Vom Glauben an die Unsterblichkeit: Warum die Wissenschaft in unserer Epoche das Erbe der Religion angetreten hat.

Nicht das Ende, sondern ein Übergang. Das jedenfalls glaubten bislang alle Gesellschaften. Bild: Rina H. / photocase.com

Das Paradies verändert sich, wie die Menschen. Selbst da, wo sich die Mitglieder einfacher Gesellschaften nur über ihre Sippe begriffen haben, wo das Konzept der Individualität noch einem Todesurteil gleichkam, weil der Einzelne die Gruppe zum Überleben benötigte, selbst hier existieren Vorstellungen von einem Leben nach dem Tod. Manchmal sind diese Vorstellungen nur im übertragenen Sinne ein Paradies. Aber ihre Beschaffenheit bleibt ähnlich.

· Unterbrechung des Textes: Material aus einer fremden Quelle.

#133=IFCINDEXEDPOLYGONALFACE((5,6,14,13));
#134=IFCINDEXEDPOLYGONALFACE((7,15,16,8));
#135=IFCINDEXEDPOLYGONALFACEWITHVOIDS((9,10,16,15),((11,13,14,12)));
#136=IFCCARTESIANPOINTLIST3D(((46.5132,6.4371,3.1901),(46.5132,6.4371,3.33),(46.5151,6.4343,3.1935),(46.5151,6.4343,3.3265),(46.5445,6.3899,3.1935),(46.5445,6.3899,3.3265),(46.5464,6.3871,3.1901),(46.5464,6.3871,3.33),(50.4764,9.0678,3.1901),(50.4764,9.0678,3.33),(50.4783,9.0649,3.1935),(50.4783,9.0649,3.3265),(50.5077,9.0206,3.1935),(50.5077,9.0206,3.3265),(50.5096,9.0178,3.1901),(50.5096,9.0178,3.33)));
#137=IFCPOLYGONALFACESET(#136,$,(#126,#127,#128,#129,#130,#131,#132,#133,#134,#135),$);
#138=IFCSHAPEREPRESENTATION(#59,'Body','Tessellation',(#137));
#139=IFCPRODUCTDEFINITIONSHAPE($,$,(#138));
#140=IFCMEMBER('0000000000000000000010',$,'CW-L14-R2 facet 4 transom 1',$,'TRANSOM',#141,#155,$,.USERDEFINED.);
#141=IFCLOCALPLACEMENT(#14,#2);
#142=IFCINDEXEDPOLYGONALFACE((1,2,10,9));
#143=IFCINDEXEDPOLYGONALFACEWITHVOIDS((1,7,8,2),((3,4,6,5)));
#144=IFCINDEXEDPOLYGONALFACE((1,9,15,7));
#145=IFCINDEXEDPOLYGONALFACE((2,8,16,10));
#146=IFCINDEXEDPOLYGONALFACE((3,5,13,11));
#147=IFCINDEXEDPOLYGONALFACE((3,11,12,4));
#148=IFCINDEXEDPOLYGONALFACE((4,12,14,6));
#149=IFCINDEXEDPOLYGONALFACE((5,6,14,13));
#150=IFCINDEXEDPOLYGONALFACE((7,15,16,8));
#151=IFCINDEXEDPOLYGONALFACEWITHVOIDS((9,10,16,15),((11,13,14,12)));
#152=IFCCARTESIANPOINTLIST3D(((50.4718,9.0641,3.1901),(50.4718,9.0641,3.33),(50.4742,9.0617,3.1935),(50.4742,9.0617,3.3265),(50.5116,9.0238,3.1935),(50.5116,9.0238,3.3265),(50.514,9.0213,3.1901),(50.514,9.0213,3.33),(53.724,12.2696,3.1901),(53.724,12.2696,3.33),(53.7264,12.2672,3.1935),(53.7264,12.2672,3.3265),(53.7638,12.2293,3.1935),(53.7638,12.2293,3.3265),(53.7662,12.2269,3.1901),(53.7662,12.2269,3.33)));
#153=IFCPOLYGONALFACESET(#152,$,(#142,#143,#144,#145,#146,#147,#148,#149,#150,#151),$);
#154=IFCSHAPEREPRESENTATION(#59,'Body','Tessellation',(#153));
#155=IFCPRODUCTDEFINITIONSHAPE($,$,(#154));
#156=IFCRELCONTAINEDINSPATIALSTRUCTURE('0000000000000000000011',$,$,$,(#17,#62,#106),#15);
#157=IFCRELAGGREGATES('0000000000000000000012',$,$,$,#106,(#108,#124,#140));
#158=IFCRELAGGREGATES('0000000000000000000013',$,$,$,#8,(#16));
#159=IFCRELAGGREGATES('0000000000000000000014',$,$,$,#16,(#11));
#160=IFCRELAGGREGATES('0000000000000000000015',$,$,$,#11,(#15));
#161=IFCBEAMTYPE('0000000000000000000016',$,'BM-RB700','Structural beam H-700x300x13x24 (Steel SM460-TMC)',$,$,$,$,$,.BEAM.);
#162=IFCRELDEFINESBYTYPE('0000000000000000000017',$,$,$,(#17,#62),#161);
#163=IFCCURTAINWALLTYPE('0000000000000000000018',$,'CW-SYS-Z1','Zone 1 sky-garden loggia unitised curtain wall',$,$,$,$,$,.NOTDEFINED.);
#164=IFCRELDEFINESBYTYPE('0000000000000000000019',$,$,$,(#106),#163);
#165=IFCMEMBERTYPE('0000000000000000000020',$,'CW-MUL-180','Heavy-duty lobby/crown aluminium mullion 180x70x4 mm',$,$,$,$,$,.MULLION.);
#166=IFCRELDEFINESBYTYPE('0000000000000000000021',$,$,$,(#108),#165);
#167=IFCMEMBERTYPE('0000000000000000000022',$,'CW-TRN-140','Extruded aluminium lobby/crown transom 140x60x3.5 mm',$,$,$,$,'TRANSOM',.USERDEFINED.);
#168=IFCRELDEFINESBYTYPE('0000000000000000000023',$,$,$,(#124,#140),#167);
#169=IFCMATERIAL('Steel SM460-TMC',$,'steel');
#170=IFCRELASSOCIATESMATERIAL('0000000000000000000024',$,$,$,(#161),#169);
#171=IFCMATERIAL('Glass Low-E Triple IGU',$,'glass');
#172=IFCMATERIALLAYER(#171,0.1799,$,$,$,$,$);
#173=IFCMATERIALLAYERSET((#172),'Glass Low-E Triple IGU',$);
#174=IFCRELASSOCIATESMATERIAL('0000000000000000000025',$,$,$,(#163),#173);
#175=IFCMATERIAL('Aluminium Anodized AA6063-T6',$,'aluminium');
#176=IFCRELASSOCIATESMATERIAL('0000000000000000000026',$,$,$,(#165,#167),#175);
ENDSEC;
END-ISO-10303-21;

Heute verheißt die Forschung das ewige Leben. Den Nobelpreis für Medizin erhielt zuletzt der Japaner Shinya Yamanaka, weil es ihm gelang, „die Uhr zurückzudrehen“, wie ein Wissenschaftsblog Yamanakas Erfolge beschrieb, reife Zellen in pluripotente Stammzellen zu verwandeln. Aus diesen ließen sich alle Zellen gewinnen. „Das Backrezept für Unsterblichkeit“, mutmaßte die Zeit.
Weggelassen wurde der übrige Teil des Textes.